身后却突然响起祁期那不紧不慢的温和嗓音。
“小倪芷,好久没看见你了。”
“嘿,这不是老祁嘛!”倪芷腾地一下站起来,豪迈的拍着他肩膀寒暄道,力气之大,让他止不住的咳嗽了两声。
“咳咳,我知道你很高兴见到我,但还是轻点表达比较好。”祁期拍开倪芷,笑着说道。
倪芷,傅鲸的好友,早在他之前,二人便是一被窝里的好闺蜜。
她与傅鲸年纪相仿,但是祁期平时都喊她小倪芷,不仅仅因为其名字谐音“小妮子”,更多的是,她对自己年龄非常敏感,以至于祁期现在都不知道她具体多大。
这样称呼久了,倪芷也调侃着喊他老祁,别问,问就是符合祁期对他自己的定义。
他总爱把“年纪大了”作为口头禅挂在嘴边。
“身子骨不行嘛……要多注意点啊。”
倪芷单手扶腰,眯起双眼,上下扫视着祁期,在某个不可言说的地方故意停顿了一瞬,随后像是忽然明白了什么,一只手摸着下巴,煞有其事的点了点头。
“这么关心我身体?怎么,想约我一起做运动?”说完,祁期推了推黄海云,示意其给自己让个位置。
他挠挠头,站起身来,想要让祁期坐到倪芷旁边。
祁期没有理他,而是在心中吐槽道:“阿云呐……活该你单身。”
给了黄海云一个“注孤生”的眼神,祁期自顾自走到另一边坐下,这样,倪芷就居于二人中间。
双边陪酒,主打一个重视。
给祁期拿了个没用过的空杯子,倒上酒,倪芷回道:“我认真的,要多注意身体老祁。”
“毕竟你心理已经那么变态了,身体可一定要健康啊。”
“噗……哈哈哈哈哈”黄海云没忍住,笑出了声。
祁期放下刚端起的酒杯,佯装伤心,站起身说:“走了,赤裸裸的人身攻击,这天聊不了一点!”
在喜闻乐见的挽留中,祁期一脸不屑,施施然坐下。
这波叫什么?拉扯!就是一个不怂,他不信,就算倪芷不出言挽留,黄海云这家伙难道也干坐着吗?
三人举杯相撞,祁期望着正被倪芷揽住脖颈,靠在她肩头震撼的张大嘴巴,满眼写着晕3D的黄海云。

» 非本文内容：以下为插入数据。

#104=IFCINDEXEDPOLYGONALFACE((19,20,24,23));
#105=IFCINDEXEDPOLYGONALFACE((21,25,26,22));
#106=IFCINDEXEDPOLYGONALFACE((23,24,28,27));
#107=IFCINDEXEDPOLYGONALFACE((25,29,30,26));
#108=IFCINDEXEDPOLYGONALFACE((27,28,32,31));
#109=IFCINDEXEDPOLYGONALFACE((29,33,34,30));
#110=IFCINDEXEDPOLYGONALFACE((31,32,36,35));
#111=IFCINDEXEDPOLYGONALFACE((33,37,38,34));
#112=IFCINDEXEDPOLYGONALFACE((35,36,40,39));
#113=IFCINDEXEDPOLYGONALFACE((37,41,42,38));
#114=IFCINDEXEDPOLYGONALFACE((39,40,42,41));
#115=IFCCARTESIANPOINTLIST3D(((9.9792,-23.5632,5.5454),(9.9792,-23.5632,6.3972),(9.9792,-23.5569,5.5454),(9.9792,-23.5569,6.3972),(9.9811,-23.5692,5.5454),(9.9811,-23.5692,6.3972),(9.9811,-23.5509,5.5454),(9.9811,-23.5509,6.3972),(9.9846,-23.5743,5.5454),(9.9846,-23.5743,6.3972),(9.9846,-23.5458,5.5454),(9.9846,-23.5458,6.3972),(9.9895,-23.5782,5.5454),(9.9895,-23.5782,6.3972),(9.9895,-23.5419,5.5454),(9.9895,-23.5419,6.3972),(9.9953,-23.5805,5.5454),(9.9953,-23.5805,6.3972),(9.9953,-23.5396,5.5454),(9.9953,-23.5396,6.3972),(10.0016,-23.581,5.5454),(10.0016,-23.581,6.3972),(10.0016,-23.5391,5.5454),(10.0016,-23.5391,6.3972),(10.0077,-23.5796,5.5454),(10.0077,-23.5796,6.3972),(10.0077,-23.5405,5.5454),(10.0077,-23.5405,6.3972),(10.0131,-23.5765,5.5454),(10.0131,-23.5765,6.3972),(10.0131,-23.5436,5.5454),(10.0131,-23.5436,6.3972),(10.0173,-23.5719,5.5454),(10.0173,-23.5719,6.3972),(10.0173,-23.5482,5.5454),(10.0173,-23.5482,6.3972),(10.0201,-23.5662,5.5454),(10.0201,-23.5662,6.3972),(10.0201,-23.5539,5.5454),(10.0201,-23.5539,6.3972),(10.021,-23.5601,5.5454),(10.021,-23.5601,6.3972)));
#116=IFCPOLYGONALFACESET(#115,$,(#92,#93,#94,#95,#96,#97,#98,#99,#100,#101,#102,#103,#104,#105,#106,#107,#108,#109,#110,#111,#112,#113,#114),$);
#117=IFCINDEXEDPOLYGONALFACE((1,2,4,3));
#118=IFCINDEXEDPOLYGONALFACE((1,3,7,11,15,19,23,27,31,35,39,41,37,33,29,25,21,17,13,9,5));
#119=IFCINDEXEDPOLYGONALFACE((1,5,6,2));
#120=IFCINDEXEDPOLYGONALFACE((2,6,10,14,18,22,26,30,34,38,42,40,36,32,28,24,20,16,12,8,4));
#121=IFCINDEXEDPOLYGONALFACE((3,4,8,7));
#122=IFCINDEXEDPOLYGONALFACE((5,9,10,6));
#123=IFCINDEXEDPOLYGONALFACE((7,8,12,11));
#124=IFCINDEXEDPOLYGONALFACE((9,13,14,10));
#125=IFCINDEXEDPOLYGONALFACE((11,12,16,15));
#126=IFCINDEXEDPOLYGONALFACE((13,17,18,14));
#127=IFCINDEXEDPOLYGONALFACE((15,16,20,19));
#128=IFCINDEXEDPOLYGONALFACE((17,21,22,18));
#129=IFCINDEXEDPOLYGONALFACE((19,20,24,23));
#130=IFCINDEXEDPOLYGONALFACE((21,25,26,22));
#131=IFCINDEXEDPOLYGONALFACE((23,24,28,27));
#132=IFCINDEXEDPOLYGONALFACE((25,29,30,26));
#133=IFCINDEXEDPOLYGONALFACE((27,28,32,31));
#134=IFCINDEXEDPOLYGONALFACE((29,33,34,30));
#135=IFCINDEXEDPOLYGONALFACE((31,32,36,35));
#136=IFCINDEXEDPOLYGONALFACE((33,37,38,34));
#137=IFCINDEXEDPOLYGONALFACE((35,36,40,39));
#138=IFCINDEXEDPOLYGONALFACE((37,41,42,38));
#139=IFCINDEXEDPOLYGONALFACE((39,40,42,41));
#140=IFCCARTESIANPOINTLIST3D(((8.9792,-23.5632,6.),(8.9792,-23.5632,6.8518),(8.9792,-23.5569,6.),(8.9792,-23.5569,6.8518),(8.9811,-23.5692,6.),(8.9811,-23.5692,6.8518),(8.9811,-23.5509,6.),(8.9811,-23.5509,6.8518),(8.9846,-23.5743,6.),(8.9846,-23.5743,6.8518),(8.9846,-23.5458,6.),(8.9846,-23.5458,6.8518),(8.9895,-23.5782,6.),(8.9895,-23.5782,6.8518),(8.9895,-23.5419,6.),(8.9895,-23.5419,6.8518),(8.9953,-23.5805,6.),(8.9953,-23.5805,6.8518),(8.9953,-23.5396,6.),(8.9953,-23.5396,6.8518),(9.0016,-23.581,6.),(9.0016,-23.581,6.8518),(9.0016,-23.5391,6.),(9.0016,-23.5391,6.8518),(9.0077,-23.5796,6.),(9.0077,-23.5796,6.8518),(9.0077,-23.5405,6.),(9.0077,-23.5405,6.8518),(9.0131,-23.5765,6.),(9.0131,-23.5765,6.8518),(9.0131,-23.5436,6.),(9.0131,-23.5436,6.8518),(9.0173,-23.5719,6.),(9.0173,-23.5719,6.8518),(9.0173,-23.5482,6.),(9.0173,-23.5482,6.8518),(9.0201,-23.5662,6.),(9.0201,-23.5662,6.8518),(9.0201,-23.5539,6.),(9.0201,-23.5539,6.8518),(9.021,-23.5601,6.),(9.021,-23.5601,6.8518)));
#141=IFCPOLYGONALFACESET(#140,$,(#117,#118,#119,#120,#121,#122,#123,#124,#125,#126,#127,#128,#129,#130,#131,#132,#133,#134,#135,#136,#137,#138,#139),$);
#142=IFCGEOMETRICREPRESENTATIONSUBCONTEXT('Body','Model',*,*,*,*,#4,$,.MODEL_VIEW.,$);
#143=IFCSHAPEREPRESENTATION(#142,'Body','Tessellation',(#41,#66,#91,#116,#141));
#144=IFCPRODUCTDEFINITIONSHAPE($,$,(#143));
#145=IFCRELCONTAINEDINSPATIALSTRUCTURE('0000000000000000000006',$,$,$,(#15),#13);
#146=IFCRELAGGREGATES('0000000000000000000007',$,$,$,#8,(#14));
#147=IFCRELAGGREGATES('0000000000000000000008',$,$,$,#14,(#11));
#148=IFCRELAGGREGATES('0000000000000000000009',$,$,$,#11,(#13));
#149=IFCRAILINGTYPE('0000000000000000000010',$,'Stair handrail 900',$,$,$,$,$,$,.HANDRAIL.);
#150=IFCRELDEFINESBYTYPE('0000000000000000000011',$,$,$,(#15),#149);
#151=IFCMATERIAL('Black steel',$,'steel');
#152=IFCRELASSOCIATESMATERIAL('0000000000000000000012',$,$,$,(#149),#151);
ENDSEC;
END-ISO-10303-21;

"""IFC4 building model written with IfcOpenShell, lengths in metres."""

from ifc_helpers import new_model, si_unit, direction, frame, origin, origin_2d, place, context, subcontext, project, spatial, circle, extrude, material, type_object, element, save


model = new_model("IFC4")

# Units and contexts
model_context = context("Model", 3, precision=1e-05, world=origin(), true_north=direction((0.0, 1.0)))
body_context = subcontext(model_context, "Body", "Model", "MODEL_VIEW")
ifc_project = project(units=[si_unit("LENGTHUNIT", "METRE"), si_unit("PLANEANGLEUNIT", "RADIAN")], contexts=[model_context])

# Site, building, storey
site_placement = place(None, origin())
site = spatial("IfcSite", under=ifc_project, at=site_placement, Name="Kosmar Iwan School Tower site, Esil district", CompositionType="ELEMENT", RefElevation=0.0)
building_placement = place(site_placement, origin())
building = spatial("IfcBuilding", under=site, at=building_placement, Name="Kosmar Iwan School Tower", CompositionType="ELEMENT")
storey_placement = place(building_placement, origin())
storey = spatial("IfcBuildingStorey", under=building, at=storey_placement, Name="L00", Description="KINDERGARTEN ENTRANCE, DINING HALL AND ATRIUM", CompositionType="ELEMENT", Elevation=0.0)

祁期将视线放回脚尖,摸了摸鼻子,他推翻了自己刚才的想法。
“这家伙还是一样不靠谱……”
松开黄海云,倪芷又给祁期倒满一杯酒,轻声说:“老祁,姐今天心情不好……傅鲸不在,你陪我喝点?”
“我觉得,你不是心情不好。”
“那是什么?”倪芷疑惑道。
祁期举杯,先敬了一下黄海云,又转头一脸真诚看着倪芷,认真道:“你应该是行情不好。”
说完,他一口饮尽,将酒杯在空中扬了扬,示意没有残余。
将烟丢在桌上,窝进沙发中。
祁期没有忘了此行目的,但现在时间还早,索性陪倪芷消遣一会。